Leg ulcer assessment and management is complex and requires the input of nurses with specialist training. Irene Anderson provides guidance on the management of residents with leg ulceration.
Leg ulceration affects between 1 and 2% of the population in the UK and many people who suffer with the condition are elderly (Briggs and Closs, 2003). If a person with leg ulcers is admitted to a care-home setting (or develops leg ulcers as a resident) it is very important that she or he has access to skilled and competent clinical practitioners otherwise her or his condition may deteriorate leaving them at risk of further damage to the leg, due to inappropriate management (Anderson, 2003).
Causes of leg ulceration
Most leg ulcers are caused by venous disease (70%) although a significant proportion (10–15%) may be due to arterial disease, particularly in an older population (Moffatt, 2001). Approximately 15–20% may be due to a combination of either factors or other co-existing conditions such as rheumatoid arthritis (Morison and Moffatt, 2004).
Veins carry blood back to the heart and contain valves that prevent backflow of the blood. As we walk and flex our ankle joint, the calf muscle pump pushes the venous blood up the leg. If the valves are damaged by, for example, surgery, trauma or deep vein thrombosis, backflow can occur. If the resident is non-mobile or has a fixed ankle joint, the calf muscle is not activated and venous congestion results. This congestion causes the vein pressure to rise and so the capillaries swell to deal with the extra volume of blood. This makes the capillaries leak fluid and other cells into the tissues, which results in oedema and skin changes (Anderson, 2006).
Managing venous leg ulcers
The management of venous ulcers focuses on elevating the leg when sitting to reduce oedema, mobilising as much as possible, moving the ankle to activate the calf muscle, and compression therapy. Compression may be in the form of bandages or hosiery. To ensure effective treatment and patient safety a full clinical assessment, including the use of a hand-held Doppler to help exclude the presence of arterial disease, needs to be carried out before compression therapy is begun and at intervals thereafter.
The resident may be at risk if compression therapy is not applied by a skilled and trained practitioner (RCN, 2006) and a referral should be made to a specialist as soon as possible. The appropriate person to refer to may be a district nurse or a tissue viability/leg ulcer specialist nurse.
There may be scope in a care home to have personnel with the required competencies in assessment and compression therapy but such competencies need to be practised to remain current. If residents requiring compression therapy are small in number then it is unlikely that the designated nurse will maintain the required level of skill (Anderson, 2003). It may be worth exploring methods of updating in collaboration with other settings (for instance, a local leg ulcer clinic).

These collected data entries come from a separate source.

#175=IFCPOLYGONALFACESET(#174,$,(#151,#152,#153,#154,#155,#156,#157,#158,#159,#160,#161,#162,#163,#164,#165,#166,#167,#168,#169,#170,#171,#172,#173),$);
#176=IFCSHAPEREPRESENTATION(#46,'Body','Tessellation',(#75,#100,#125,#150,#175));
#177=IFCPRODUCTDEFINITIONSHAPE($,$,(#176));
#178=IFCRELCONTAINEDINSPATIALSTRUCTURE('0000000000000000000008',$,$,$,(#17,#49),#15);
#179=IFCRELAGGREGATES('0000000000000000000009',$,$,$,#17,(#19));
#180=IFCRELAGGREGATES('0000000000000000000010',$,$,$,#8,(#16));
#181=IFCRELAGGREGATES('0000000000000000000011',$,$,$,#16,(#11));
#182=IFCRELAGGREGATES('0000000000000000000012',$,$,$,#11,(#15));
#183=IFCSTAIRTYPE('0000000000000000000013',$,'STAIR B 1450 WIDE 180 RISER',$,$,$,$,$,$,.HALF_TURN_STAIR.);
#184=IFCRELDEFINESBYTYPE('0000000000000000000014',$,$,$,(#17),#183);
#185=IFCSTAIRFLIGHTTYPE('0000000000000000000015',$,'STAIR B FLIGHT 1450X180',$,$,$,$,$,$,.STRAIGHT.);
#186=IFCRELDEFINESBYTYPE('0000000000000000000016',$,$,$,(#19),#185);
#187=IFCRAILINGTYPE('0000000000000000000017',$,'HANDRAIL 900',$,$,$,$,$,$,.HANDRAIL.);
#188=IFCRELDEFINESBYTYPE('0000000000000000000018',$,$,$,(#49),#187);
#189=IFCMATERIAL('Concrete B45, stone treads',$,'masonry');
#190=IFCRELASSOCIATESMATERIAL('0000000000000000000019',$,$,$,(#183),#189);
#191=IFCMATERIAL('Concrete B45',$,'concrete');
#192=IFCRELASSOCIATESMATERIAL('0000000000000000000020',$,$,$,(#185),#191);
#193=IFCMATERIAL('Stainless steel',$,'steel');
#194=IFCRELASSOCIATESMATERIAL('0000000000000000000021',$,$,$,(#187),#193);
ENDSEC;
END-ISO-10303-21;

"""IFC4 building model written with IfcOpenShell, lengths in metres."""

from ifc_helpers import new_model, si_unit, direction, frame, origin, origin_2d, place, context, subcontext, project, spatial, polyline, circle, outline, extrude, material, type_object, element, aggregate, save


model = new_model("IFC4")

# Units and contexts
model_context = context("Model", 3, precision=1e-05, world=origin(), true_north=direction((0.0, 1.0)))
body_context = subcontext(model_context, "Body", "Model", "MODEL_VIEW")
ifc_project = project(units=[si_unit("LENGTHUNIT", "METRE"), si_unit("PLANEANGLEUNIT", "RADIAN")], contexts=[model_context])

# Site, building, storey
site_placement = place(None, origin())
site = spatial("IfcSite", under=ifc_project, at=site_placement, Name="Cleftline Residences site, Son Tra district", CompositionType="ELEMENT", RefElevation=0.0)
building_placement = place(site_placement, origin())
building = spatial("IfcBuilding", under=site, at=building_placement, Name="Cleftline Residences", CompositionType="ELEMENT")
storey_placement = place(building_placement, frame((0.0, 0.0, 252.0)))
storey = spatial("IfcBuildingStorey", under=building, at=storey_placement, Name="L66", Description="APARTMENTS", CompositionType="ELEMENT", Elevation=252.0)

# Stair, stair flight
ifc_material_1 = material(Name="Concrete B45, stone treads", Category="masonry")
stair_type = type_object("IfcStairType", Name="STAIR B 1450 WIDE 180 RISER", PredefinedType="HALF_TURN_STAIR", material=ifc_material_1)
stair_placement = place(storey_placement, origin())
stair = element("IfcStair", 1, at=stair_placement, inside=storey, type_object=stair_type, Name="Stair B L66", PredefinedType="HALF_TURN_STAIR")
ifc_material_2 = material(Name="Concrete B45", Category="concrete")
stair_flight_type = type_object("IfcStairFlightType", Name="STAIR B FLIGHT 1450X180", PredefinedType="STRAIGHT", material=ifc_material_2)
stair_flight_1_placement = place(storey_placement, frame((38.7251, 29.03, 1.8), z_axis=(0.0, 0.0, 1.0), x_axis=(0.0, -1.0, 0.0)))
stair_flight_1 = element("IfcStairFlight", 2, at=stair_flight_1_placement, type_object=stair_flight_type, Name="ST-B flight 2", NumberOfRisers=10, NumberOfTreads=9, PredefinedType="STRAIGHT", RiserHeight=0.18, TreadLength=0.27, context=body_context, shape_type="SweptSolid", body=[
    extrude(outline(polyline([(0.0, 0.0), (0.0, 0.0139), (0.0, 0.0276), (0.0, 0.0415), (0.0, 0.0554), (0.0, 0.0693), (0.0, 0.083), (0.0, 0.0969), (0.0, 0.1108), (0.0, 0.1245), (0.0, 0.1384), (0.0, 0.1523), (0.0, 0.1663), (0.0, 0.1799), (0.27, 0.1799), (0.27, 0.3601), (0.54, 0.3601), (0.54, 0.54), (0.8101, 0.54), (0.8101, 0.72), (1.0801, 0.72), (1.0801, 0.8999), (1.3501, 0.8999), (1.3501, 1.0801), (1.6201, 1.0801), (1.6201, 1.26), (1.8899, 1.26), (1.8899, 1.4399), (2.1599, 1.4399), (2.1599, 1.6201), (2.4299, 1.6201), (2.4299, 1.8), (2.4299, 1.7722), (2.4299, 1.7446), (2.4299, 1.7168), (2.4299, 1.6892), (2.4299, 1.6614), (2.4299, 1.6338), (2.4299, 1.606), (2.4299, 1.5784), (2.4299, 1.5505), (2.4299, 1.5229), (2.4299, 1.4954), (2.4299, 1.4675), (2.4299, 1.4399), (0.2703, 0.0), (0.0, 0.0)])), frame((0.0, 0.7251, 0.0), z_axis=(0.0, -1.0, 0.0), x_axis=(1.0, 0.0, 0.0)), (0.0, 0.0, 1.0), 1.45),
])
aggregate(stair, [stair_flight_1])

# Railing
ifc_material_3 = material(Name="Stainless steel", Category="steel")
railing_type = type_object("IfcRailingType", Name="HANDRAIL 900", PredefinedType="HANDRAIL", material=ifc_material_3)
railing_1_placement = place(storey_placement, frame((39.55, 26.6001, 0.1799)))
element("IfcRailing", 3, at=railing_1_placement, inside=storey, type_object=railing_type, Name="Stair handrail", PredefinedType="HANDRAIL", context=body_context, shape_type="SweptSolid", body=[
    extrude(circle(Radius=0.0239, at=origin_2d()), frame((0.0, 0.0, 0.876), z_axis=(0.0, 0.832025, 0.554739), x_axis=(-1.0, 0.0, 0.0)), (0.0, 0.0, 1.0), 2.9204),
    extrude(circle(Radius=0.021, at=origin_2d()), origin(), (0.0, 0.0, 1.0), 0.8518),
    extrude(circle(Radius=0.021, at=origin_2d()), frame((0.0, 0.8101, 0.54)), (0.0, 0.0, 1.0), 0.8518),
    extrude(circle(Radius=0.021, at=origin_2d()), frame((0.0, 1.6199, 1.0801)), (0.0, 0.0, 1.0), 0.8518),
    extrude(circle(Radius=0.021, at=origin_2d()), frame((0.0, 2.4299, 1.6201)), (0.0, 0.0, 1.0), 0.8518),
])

If there are a significant number of residents requiring leg-ulcer care then managers need to consider accessing appropriately validated courses for their staff, ensuring that such courses include assessment of competencies and sufficient theoretical components to ensure competent and evidence-based care (Fletcher, 2006).
An algorithm has been published (Aldeen, 2007) that is designed for use in the acute sector where practitioners may not have or be able to maintain appropriate competencies. This is also useful in care homes.
Ensuring safe care
It is vital that the resident receives skilled input as soon as possible and that her or his admission to the care home prompts a further assessment of her or his lower-limb condition. By protecting the resident’s legs, managing the underlying venous disease by promoting venous return, and monitoring for progression of arterial disease, the resident is less likely to experience deterioration and/or recurrence of her or his ulcer.
Author Irene Anderson, MSc, PGCE, BSc, LPE, DPSN, RGN, is senior lecturer, tissue viability, University of Hertfordshire and chairperson of the Leg Ulcer Forum.
Aldeen, L. (2007) Recommendations for leg ulcer care in acute trusts. Nursing Times; 103: 43, 40-42.
Anderson, I. (2006) Aetiology, assessment and management of leg ulcers. Wound Essentials; 1: 20-37.
Anderson, I. (2003) Developing a framework to assess competence in leg ulcer care. Professional Nurse; 18: 9, 518-522.
Briggs, M., Closs, S.J. (2003) The prevalence of leg ulceration: a review of the literature. EWMA Journal; 3: 2, 14–20.
Fletcher, J. (2006) So you want to do a leg ulcer course? Leg Ulcer Forum Journal; 20: 44–46.
Moffatt, C. (2001) Leg ulcers. In: Murray, S. (ed) Vascular Disease: Nursing and Management. London: Whurr.
Morison, M.J., Moffatt, C. (2004) Leg ulcers. In: Morison, M.J. et al (eds) Chronic Wound Care: A Problem-based Learning Approach. Edinburgh: Mosby.
RCN (2006) The Nursing Management of Patients with Venous Leg Ulcers.